Maybe fingerprints. I know they had a few visitors while they were in custody.

I did have two uncles who were Rochester police officers, they were not happy,lol.
they sent the paddy wagon to circle the school for a couple days.
I alsot appeared before a grand jury. Yes ,I was pressing charges, that dollar they robbed from me was MY LUNCH MONEY,LOL.


----------



## pic

Cait43 said:


> I will bring my own hay..........
> View attachment 1317​


:anim_lol:


----------



## pic

Why is this shooting a racial shooting ?

What does the confederate flag have to do with this tragedy?


----------



## paratrooper

pic said:


> Why is this shooting a racial shooting ?
> 
> What does the confederate flag have to do with this tragedy?


I do believe that when the shooter stood up, and before he began shooting, he stated that he was there to shoot black people, or something similar to that.

He also had other well-documented negative issues in regards to the black race.


----------



## SouthernBoy

If I may, I'd like to voice my own thoughts about this event from last week... just four days ago.

I have been traveling to South Carolina for 46 years. I love the state, its culture, its people, its food, its weather... everything about it, and in particular the Lowcountry. The people of South Carolina are friendly, warm, and very genteel. And Charleston is one of the prettiest and best cities in this country. This tragedy is very disturbing to me because it took place in a part of the country I so love. That it happened in a place where no one would imagine. And that it took the lives of people doing peaceful things, talking about their faith and praying to their God, is especially heartbreaking and sad.

I am heartened and encouraged by the love pouring from Charlestonians who have come together to comfort those who are hurting so much because of this. White, black, it doesn't matter. They're all South Carolinians and all a special sort of folk. 

I shall continue to travel to that golden place in the Southeast and embrace all it has to offer. It is my plan to one day finish out my life in a little part of the state.

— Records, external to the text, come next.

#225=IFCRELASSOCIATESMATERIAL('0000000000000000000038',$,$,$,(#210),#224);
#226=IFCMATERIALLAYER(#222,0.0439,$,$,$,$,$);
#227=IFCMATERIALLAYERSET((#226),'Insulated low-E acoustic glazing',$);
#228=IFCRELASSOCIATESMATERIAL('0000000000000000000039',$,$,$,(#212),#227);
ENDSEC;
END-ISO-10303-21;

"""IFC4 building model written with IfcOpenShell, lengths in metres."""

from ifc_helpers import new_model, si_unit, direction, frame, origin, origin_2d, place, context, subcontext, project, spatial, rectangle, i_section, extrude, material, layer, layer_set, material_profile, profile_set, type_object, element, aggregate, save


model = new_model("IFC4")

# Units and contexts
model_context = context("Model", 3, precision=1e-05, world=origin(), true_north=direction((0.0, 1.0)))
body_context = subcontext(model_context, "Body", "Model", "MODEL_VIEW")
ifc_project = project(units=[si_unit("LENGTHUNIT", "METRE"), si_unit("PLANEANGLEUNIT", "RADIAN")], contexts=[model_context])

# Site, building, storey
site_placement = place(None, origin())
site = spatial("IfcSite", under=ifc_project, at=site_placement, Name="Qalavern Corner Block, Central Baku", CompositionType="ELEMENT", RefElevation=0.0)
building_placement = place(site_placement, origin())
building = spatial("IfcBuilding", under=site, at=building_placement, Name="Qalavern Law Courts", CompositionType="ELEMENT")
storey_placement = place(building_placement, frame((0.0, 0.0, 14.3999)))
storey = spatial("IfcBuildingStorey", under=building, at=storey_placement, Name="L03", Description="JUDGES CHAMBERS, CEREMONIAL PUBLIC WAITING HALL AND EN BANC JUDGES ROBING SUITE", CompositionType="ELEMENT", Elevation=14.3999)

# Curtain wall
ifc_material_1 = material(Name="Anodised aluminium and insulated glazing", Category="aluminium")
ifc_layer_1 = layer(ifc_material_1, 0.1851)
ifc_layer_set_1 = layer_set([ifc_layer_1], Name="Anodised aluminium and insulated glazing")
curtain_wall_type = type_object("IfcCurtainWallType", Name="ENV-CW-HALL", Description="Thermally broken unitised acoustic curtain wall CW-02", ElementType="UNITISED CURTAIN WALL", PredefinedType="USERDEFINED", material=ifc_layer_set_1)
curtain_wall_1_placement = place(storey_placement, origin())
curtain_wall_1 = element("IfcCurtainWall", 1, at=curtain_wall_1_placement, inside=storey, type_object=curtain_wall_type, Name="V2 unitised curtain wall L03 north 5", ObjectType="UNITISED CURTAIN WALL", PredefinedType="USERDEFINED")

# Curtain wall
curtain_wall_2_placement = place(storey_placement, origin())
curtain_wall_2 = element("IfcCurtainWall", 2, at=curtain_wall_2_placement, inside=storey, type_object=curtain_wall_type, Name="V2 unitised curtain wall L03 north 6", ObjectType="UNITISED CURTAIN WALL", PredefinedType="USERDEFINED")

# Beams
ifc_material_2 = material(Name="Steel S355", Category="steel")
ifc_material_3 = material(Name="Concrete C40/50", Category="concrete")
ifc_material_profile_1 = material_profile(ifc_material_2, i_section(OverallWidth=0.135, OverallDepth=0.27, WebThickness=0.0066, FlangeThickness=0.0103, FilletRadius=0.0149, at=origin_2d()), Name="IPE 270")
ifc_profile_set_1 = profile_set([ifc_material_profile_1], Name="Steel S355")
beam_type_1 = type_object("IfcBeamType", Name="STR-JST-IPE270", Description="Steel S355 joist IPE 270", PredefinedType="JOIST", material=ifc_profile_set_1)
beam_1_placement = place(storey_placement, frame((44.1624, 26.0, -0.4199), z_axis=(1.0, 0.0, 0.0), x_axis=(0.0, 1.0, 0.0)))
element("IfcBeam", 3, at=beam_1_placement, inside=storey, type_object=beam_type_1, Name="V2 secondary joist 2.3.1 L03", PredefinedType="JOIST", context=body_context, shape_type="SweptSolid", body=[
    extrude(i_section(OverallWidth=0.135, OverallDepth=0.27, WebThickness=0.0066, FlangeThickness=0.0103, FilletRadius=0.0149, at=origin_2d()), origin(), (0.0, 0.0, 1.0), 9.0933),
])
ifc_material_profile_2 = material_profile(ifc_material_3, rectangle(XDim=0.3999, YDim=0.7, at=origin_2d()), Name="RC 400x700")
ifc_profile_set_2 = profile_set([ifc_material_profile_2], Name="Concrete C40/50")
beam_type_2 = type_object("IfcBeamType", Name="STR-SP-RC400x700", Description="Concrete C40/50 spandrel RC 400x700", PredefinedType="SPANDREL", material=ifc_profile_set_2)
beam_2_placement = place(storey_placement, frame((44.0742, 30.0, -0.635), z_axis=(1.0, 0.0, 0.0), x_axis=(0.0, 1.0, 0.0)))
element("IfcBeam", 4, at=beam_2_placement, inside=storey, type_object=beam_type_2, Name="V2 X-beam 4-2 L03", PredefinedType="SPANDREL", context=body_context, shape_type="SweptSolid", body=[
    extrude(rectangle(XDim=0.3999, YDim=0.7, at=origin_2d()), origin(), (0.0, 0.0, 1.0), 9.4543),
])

God bless the good people of South Carolina and of the beautiful city of Charleston. And God rest the souls of those taken so terribly four days ago in their church.


----------



## Bisley

There appears to be a large quantity of very decent people there.


----------



## Steve M1911A1

SouthernBoy said:


> If I may, I'd like to voice my own thoughts about this event from last week... just four days ago.
> 
> I have been traveling to South Carolina for 46 years. I love the state, its culture, its people, its food, its weather... everything about it, and in particular the Lowcountry. The people of South Carolina are friendly, warm, and very genteel. And Charleston is one of the prettiest and best cities in this country. This tragedy is very disturbing to me because it took place in a part of the country I so love. That it happened in a place where no one would imagine. And that it took the lives of people doing peaceful things, talking about their faith and praying to their God, is especially heartbreaking and sad.
> 
> I am heartened and encouraged by the love pouring from Charlestonians who have come together to comfort those who are hurting so much because of this. White, black, it doesn't matter. They're all South Carolinians and all a special sort of folk.
> 
> I shall continue to travel to that golden place in the Southeast and embrace all it has to offer. It is my plan to one day finish out my life in a little part of the state.
> 
> God bless the good people of South Carolina and of the beautiful city of Charleston. And God rest the souls of those taken so terribly four days ago in their church.


A lovely sentiment, beautifully written!
Kudos to you SB.


----------



## CW

Isn't the idea of law to codify opinion and justify the punishment of those deemed worthy - who break the law?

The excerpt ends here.